The group is active since 2005 and its research was originally focused mainly on mitochondrial diseases. Our aims were to identify and characterize human genes involved in the biogenesis of the mitochondrial respiratory chain (RC), identify mutations in patients with RC defects, and to develop simple tools to characterize these mutants and to study the pathophysiology of these disorders and test novel therapeutic approaches. In the past years we have expanded our research focus to include also other metabolic diseases, as well as genetic disorders unrelated to cellular metabolism. Regarding the latter, we have developed a novel diagnostic strategy for genetic disorders based on NGS technology. Using a 2-level approach we now have the capability to provide a molecular diagnosis for over 90% of known genetic diseases in a clinical setting.
Based on our previous work we have developed three main lines of research, wich we are currently pursuing.
The first line of research deals with the biogenesis of the RC, in particular of Coenzyme Q biosynthesis and its regulation. Using CRISPR-CAS9 we have generated several KO cell lines for genes which are (or are presumed to be) involved in these processes. These cells were instrumental to determine the correct sequence of reactions in the CoQ biosynthetic pathway in humans.

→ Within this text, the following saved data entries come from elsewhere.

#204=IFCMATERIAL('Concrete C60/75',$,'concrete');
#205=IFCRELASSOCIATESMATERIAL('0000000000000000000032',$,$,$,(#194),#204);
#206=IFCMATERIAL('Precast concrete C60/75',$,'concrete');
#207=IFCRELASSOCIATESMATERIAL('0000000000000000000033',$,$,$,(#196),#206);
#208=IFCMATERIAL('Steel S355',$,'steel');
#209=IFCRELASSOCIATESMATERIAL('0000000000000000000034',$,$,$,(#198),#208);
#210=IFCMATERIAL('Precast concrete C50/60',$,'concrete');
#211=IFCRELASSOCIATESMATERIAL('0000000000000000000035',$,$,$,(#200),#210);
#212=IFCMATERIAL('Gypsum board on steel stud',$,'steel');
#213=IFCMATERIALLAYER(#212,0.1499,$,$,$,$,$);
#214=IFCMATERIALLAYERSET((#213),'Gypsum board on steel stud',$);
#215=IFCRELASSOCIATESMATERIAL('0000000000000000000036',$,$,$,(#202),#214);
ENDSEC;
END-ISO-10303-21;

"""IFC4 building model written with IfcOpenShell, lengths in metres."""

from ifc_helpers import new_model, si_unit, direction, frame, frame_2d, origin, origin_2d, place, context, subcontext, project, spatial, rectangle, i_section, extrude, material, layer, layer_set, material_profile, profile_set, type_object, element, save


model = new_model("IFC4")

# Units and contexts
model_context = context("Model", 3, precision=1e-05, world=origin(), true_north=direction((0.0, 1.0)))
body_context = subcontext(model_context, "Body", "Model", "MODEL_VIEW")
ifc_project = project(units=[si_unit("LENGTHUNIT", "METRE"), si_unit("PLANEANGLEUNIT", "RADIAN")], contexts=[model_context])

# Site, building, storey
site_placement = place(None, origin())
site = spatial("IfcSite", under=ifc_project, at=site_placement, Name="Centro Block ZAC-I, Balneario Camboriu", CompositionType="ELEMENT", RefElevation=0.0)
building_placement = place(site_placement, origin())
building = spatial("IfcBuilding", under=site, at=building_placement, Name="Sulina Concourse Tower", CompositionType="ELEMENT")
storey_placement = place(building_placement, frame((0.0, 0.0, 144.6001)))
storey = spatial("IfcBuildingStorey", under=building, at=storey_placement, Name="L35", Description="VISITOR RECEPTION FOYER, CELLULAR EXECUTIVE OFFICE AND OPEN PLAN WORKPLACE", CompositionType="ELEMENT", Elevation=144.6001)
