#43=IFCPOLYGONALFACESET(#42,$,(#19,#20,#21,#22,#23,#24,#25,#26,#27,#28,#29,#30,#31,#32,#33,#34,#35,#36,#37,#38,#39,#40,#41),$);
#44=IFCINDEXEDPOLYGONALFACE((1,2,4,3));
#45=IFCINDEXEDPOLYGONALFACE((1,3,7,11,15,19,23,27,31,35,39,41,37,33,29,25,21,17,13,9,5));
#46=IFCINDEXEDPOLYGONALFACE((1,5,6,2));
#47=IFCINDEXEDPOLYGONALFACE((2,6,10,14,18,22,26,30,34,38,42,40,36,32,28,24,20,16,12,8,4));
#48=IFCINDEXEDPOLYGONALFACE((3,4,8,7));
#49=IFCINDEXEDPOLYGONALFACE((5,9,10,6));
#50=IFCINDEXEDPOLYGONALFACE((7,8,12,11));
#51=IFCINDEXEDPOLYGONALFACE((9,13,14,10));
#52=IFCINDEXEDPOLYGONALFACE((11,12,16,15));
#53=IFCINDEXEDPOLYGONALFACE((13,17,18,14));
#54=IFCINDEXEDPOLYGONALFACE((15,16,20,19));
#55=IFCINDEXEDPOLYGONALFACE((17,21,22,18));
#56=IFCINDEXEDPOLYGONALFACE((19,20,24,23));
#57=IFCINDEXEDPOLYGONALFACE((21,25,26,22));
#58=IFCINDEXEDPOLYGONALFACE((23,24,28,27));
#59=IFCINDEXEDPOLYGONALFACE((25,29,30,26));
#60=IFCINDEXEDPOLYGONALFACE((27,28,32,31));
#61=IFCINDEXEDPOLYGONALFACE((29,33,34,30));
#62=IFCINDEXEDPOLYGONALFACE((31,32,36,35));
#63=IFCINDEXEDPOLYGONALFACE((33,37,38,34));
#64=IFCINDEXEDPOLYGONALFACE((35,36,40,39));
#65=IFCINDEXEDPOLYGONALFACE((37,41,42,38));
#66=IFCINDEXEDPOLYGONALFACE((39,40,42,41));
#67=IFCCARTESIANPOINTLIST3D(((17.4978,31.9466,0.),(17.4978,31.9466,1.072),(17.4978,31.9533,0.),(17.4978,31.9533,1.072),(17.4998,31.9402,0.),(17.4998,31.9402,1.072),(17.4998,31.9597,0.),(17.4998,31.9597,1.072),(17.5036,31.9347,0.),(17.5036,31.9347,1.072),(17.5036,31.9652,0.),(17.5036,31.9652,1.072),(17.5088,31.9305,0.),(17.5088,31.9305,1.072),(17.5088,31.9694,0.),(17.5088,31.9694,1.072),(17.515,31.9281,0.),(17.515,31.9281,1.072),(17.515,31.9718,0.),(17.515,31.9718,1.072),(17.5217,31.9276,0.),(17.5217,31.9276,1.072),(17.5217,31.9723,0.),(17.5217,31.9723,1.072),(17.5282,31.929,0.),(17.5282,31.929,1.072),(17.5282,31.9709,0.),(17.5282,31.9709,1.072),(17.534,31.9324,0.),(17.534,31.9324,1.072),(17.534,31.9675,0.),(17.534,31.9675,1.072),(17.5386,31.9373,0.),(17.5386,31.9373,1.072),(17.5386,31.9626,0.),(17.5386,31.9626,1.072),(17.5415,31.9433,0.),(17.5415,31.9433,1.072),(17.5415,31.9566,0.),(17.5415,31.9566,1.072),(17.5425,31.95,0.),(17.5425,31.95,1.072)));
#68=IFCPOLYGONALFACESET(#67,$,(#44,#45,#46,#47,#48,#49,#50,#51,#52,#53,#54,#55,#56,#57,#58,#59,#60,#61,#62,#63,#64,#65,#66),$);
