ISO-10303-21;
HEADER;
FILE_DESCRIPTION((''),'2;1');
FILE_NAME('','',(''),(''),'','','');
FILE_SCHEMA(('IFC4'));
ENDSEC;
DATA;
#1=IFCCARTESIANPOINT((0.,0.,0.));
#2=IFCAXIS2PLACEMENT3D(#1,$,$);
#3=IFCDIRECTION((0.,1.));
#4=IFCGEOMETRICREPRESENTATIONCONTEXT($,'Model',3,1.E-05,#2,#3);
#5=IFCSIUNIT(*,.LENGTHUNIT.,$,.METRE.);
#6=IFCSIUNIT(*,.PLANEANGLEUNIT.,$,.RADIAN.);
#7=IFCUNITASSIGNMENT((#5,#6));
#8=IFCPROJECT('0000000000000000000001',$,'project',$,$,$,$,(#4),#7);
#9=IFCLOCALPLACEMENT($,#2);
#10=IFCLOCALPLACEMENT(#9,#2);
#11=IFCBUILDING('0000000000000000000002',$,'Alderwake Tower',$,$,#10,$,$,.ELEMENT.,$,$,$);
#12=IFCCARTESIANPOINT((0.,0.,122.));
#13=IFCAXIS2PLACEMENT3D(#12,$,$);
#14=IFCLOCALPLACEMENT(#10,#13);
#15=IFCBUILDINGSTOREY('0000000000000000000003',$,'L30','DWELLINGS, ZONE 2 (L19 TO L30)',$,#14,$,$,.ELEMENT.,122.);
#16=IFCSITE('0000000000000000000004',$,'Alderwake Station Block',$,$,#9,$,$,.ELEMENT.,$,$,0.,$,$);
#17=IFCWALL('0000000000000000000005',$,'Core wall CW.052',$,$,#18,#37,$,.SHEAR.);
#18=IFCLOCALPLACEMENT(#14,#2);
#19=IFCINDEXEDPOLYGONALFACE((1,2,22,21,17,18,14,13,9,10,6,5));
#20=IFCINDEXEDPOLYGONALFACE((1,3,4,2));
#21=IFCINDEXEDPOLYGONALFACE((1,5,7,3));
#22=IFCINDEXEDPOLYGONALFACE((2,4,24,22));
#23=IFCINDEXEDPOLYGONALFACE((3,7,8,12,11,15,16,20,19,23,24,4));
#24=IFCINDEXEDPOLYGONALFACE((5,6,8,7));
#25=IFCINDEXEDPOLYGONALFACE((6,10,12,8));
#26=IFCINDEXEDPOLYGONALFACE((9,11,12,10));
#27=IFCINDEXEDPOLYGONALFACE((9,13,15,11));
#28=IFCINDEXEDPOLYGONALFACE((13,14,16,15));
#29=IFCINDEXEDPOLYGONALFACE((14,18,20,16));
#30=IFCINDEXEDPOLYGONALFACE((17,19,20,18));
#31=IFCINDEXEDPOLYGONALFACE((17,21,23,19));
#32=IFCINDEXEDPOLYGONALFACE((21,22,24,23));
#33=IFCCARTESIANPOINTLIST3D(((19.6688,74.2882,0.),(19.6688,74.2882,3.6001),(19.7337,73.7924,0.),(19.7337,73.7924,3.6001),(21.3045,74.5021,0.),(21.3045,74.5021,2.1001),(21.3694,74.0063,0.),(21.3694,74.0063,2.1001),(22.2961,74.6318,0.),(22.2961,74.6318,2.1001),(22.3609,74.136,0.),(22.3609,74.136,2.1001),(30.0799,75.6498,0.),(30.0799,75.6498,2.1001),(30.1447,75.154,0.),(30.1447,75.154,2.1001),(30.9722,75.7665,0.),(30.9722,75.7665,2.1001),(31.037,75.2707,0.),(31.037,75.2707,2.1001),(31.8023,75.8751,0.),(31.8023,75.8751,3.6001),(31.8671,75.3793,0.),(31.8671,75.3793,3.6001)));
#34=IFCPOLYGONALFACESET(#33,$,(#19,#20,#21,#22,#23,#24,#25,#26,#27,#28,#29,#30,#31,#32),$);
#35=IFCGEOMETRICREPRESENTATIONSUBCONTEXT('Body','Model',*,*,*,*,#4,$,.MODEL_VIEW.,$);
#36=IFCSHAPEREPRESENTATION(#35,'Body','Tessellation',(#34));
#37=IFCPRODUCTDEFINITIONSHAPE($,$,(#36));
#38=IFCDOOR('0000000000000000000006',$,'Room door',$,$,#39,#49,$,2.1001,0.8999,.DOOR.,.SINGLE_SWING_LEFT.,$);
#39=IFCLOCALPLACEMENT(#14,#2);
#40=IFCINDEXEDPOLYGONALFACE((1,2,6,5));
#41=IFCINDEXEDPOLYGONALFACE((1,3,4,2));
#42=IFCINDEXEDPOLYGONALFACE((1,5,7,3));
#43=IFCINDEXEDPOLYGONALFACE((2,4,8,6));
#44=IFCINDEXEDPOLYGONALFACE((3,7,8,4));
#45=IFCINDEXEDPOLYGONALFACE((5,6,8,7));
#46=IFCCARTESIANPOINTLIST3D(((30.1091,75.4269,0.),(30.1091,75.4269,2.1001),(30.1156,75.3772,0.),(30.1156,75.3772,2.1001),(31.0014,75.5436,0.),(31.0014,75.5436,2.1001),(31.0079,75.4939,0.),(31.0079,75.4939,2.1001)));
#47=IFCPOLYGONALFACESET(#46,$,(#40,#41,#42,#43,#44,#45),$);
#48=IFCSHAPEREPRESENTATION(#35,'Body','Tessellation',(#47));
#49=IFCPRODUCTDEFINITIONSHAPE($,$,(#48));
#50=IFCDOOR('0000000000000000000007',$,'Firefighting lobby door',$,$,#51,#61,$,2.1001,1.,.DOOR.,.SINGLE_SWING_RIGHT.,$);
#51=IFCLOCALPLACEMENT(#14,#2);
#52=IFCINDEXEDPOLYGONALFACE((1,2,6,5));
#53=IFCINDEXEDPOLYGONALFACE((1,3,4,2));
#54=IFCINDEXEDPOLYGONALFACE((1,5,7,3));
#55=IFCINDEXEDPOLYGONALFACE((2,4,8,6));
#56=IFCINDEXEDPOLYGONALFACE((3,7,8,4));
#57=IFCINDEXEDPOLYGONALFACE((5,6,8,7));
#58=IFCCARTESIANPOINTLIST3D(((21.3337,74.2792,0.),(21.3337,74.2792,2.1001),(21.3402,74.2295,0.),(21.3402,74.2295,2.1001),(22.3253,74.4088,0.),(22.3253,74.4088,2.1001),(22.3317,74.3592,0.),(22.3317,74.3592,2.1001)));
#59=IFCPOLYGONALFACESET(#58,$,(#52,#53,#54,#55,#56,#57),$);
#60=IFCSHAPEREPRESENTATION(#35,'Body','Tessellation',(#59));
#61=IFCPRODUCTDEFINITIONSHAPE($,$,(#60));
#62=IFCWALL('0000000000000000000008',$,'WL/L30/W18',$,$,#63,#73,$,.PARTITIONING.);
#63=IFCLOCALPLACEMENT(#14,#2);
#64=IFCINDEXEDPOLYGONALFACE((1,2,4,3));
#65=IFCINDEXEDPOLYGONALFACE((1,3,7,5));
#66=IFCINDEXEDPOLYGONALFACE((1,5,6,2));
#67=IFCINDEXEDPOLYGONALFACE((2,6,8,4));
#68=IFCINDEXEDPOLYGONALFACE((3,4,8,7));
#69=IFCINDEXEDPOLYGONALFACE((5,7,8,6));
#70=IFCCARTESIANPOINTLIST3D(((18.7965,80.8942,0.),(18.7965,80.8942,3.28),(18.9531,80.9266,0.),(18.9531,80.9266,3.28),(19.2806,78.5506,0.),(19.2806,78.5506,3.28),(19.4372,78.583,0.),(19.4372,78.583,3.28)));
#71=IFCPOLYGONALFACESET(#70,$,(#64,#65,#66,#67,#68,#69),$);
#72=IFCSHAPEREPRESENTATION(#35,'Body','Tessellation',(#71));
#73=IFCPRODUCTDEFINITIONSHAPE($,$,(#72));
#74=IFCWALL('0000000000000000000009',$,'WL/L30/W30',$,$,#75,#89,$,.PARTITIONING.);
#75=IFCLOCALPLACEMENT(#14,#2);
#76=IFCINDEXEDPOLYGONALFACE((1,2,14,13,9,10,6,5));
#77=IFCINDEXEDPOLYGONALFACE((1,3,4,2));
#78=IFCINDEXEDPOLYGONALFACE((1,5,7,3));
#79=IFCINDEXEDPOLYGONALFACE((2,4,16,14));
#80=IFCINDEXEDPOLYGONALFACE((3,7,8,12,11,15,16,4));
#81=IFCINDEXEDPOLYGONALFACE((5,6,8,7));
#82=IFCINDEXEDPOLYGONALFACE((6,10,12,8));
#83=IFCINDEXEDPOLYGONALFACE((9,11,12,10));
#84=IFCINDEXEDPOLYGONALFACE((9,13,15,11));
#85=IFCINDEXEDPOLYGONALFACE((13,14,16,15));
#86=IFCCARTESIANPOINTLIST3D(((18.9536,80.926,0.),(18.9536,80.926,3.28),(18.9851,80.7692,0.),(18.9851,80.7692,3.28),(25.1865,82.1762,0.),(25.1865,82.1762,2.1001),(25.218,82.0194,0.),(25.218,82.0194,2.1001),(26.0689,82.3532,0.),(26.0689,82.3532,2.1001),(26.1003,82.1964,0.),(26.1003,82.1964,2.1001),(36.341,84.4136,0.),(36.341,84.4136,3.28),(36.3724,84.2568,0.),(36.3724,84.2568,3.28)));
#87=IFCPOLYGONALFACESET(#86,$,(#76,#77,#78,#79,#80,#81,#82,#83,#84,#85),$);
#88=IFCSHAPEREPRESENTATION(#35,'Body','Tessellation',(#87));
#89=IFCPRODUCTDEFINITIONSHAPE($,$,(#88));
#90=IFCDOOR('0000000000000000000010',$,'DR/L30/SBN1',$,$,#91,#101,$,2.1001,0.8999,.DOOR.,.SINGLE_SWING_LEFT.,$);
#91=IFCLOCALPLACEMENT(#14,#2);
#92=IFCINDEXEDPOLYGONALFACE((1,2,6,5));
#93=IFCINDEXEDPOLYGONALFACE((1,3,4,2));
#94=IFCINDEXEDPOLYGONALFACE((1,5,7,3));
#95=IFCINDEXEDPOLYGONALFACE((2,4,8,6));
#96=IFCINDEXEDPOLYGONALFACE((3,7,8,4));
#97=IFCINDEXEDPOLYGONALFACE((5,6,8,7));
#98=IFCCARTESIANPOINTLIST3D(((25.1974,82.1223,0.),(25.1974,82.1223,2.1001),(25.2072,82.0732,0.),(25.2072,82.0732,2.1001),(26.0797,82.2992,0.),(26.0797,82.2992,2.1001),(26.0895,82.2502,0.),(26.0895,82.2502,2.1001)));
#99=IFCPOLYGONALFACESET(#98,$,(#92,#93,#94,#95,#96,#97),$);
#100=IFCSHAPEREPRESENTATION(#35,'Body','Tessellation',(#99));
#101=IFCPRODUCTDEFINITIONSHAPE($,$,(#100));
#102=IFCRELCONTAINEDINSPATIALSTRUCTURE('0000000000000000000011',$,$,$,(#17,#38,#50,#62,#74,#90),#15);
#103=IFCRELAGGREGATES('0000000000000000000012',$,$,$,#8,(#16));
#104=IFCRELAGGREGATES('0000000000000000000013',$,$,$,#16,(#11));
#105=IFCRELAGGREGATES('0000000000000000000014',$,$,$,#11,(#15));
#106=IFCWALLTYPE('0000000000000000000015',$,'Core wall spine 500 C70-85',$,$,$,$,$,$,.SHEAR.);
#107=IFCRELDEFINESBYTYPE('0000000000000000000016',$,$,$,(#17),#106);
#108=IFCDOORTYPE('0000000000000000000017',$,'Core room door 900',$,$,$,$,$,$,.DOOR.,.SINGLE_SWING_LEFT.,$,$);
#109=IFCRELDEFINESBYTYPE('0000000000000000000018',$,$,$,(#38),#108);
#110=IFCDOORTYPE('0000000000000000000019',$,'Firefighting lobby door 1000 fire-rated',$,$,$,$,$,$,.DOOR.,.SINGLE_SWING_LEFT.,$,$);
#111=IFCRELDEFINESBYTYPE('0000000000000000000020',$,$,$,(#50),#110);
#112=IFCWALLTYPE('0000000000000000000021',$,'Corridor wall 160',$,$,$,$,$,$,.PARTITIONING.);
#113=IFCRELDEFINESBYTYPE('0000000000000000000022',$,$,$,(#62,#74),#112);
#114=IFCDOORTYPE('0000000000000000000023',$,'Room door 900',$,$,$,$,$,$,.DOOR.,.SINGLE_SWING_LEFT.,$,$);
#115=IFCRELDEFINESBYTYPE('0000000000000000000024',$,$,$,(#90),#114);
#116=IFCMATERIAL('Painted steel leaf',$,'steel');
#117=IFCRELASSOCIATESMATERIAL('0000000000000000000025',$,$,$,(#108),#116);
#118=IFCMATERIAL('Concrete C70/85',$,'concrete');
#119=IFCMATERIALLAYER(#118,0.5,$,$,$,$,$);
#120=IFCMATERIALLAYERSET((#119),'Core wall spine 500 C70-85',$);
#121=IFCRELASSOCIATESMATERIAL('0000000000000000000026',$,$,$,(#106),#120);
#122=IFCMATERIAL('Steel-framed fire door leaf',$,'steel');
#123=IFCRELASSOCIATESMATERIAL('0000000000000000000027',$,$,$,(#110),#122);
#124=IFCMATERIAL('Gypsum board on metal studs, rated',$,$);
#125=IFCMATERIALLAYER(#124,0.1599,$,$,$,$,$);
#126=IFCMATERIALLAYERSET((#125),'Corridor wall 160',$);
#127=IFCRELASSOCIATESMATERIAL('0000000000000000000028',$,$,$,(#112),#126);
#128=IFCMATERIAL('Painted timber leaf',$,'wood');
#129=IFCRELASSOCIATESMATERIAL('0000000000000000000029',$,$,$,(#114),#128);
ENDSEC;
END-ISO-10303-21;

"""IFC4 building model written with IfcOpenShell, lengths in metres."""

from ifc_helpers import new_model, si_unit, direction, frame, frame_2d, origin, place, context, subcontext, project, spatial, rectangle, extrude, material, layer, layer_set, type_object, element, fill, save


model = new_model("IFC4")

# Units and contexts
model_context = context("Model", 3, precision=1e-05, world=origin(), true_north=direction((0.0, 1.0)))
body_context = subcontext(model_context, "Body", "Model", "MODEL_VIEW")
ifc_project = project(units=[si_unit("LENGTHUNIT", "METRE"), si_unit("PLANEANGLEUNIT", "RADIAN")], contexts=[model_context])

# Site, building, storey
site_placement = place(None, origin())
site = spatial("IfcSite", under=ifc_project, at=site_placement, Name="Alderwake Station Block", CompositionType="ELEMENT", RefElevation=0.0)
building_placement = place(site_placement, origin())
building = spatial("IfcBuilding", under=site, at=building_placement, Name="Alderwake Tower", CompositionType="ELEMENT")
storey_placement = place(building_placement, frame((0.0, 0.0, 122.0)))
storey = spatial("IfcBuildingStorey", under=building, at=storey_placement, Name="L30", Description="DWELLINGS, ZONE 2 (L19 TO L30)", CompositionType="ELEMENT", Elevation=122.0)

# Shared definitions
ifc_material_1 = material(Name="Painted steel leaf", Category="steel")
door_type_1 = type_object("IfcDoorType", Name="Core room door 900", OperationType="SINGLE_SWING_LEFT", PredefinedType="DOOR", material=ifc_material_1)

# Shared definitions
ifc_material_2 = material(Name="Concrete C70/85", Category="concrete")
ifc_layer_1 = layer(ifc_material_2, 0.5)
ifc_layer_set_1 = layer_set([ifc_layer_1], Name="Core wall spine 500 C70-85")
wall_type_1 = type_object("IfcWallType", Name="Core wall spine 500 C70-85", PredefinedType="SHEAR", material=ifc_layer_set_1)

# Wall, openings, doors
wall_1_placement = place(storey_placement, frame((31.8347, 75.6272, 0.0), z_axis=(0.0, 0.0, 1.0), x_axis=(-0.991556, -0.129683, 0.0)))
wall_1 = element("IfcWall", 1, at=wall_1_placement, inside=storey, type_object=wall_type_1, Name="Core wall CW.052", PredefinedType="SHEAR", context=body_context, shape_type="SweptSolid", body=[
    extrude(rectangle(XDim=12.2368, YDim=0.5, at=frame_2d((6.1184, 0.0))), origin(), (0.0, 0.0, 1.0), 3.6001),
])
opening_1_placement = place(wall_1_placement, frame((9.5872, 0.0, 0.0)))
opening_1 = element("IfcOpeningElement", 2, at=opening_1_placement, cuts=wall_1, PredefinedType="OPENING", context=body_context, shape_type="SweptSolid", body=[
    extrude(rectangle(XDim=1.0, YDim=2.1001, at=frame_2d((0.5, 1.05))), frame((0.0, 0.26, 0.0), z_axis=(0.0, -1.0, 0.0), x_axis=(1.0, 0.0, 0.0)), (0.0, 0.0, 1.0), 0.52),
])
opening_2_placement = place(wall_1_placement, frame((0.8372, 0.0, 0.0)))
opening_2 = element("IfcOpeningElement", 3, at=opening_2_placement, cuts=wall_1, PredefinedType="OPENING", context=body_context, shape_type="SweptSolid", body=[
    extrude(rectangle(XDim=0.8999, YDim=2.1001, at=frame_2d((0.45, 1.05))), frame((0.0, 0.26, 0.0), z_axis=(0.0, -1.0, 0.0), x_axis=(1.0, 0.0, 0.0)), (0.0, 0.0, 1.0), 0.52),
])
door_1_placement = place(opening_2_placement, origin())
door_1 = element("IfcDoor", 4, at=door_1_placement, inside=storey, type_object=door_type_1, Name="Room door", OperationType="SINGLE_SWING_LEFT", OverallHeight=2.1001, OverallWidth=0.8999, PredefinedType="DOOR", context=body_context, shape_type="SweptSolid", body=[
    extrude(rectangle(XDim=0.8999, YDim=2.1001, at=frame_2d((0.45, 1.05))), frame((0.0, 0.0249, 0.0), z_axis=(0.0, -1.0, 0.0), x_axis=(1.0, 0.0, 0.0)), (0.0, 0.0, 1.0), 0.05),
])
fill(opening_2, door_1)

The second one involves metabolic disorders, in particular vitamin B6-dependent enzymes such as ornithine aminotransferase (OAT). We are currently studying the molecular pathogenesis of OAT deficiency and therapeutic role of vitamin B6 and its vitamers in patients.
The last field of research deals with genetic diseases in general. The expansion of our diagnostic service has provided us with an incredible amount of genetic data (we have analyzed >3000 patients with NGS, for a variety of different conditions). The main limitation of this approach is that it is often very difficult to establish the pathogenicity of identified variants, especially of synonymous and missense exonic changes and of intronic variants outside the canonical splicing consensus. The reliability of prediction software is still problematic in a diagnostic setting; hence there is a clear necessity for experimental tools to validate these mutations. In the past years, we have developed several models from hybrid minigenes, to yeast, CRISPR-CAS9 edited human cells, and C. elegans that have allowed us to validate (or to dismiss ass neutral polymorphisms) many novel variants, and to establish genotype-phenotype correlations for different diseases. We have employed these strategies to identify three new genes associated with human diseases: MCM5, ADCK2, and TOGARAM.